How common is overfeeding copper?

AHDB-funded research looked at 50 herds in central and northern England and during early lactation. Results showed 40 herds were recorded as feeding over 20mg Cu/kg DM – potentially two times the requirement – and six were noted as feeding above 40mg Cu/kg DM.

According to UK cull cow data, it’s estimated that 38% of Holstein Friesian cull cows have either toxic or high liver concentrations of copper in their liver.

Harper Adams University study, funded by AHDB Dairy

The study:

80 four-month-old heifers, split into two treatment groups – a control group, fed 15mg Cu/kg DM and a high copper group, which received 30mg Cu/kg DM.

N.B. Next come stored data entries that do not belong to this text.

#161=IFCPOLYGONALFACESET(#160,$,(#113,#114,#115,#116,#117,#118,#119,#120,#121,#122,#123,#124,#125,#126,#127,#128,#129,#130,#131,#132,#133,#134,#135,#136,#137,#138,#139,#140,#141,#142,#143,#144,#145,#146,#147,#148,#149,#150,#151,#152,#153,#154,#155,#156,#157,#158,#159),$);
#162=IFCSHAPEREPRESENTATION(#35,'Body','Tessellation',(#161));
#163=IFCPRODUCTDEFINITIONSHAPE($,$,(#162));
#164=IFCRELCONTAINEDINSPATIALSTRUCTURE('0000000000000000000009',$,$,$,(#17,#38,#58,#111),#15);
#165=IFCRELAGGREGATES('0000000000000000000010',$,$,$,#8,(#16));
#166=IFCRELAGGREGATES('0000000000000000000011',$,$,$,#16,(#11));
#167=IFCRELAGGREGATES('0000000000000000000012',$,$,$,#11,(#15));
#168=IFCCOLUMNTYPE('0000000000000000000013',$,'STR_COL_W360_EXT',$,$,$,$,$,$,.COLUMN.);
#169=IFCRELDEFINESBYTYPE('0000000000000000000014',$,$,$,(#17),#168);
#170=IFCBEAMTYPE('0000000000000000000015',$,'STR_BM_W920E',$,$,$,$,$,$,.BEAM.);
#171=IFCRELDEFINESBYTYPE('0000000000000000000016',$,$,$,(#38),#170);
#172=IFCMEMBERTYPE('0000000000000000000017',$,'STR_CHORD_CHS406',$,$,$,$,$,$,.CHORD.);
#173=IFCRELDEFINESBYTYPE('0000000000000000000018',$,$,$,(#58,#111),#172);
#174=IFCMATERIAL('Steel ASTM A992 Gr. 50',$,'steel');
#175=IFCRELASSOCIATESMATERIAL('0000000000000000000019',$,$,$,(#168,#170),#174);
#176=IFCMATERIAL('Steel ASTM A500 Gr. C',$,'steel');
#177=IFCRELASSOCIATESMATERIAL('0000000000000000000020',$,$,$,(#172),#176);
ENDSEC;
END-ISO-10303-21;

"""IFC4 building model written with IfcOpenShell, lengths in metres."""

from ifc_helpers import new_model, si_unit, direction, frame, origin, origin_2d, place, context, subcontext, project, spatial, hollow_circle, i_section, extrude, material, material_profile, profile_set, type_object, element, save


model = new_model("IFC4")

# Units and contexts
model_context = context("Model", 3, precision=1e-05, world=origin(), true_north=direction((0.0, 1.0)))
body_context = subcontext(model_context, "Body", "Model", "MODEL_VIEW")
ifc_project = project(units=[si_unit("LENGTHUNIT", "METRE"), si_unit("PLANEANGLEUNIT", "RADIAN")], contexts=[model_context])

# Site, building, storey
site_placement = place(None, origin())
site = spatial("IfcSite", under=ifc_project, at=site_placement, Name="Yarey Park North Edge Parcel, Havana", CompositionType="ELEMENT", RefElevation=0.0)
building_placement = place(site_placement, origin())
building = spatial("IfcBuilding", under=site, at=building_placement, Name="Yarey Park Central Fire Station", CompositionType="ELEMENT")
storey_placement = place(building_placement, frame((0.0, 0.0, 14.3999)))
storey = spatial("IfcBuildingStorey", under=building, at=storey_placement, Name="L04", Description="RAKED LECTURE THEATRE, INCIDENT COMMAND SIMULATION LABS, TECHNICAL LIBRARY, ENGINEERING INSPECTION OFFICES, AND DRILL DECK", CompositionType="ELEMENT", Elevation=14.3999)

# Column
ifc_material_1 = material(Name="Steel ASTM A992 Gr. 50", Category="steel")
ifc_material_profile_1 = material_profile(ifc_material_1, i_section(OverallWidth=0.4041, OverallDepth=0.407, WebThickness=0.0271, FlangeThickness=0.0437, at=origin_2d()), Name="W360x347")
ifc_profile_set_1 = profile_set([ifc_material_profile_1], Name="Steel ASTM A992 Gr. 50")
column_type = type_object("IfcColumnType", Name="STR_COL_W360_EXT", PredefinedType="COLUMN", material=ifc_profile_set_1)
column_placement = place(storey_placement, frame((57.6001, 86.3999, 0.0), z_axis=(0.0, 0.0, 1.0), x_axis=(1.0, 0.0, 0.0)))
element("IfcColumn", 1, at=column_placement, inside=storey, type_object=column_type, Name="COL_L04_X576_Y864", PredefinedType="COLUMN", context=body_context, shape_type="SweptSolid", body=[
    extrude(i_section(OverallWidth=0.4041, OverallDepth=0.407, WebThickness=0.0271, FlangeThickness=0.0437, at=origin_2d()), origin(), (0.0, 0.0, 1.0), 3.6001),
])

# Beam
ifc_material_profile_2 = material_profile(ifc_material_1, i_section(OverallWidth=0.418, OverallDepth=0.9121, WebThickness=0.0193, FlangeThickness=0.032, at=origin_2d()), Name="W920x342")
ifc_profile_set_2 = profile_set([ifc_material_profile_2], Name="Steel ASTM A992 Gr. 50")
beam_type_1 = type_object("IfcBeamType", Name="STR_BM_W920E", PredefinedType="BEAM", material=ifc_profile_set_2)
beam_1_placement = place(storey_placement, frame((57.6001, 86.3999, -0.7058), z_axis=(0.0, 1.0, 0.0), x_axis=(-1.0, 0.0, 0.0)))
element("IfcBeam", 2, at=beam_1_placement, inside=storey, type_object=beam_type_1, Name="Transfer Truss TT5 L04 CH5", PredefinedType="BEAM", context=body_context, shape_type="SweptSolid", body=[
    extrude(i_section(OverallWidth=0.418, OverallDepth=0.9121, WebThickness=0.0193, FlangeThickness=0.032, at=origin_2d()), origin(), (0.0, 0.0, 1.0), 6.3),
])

Heifers were monitored between the ages of four months and 28 months with a specific focus on weight, body condition score, feed intake and milk yield – as well as fertility during the rearing phase.


Dietary copper concentration had no effect on heifer liveweight gain. It also showed very similar cycling times – which flipped the theories on overfeeding upside down.

When examining pregnancy rates to first and second service, the control group had a 96.9% conception rate, whereas this was down to 75% for the high copper group.

At the post-calving stage, dry matter intake was unaffected by dietary treatment, however, there was a difference in body condition score, with a greater condition loss in heifers fed the high levels of copper. Lower milk yields were also recorded.

As well as this, plasma BHB – an indicator of ketosis – was increased in the high copper group, which subsequently put them under greater metabolic stress.


Overfeeding copper damages liver function, reduces conception rate and milk yield, but animals do look good and grow well.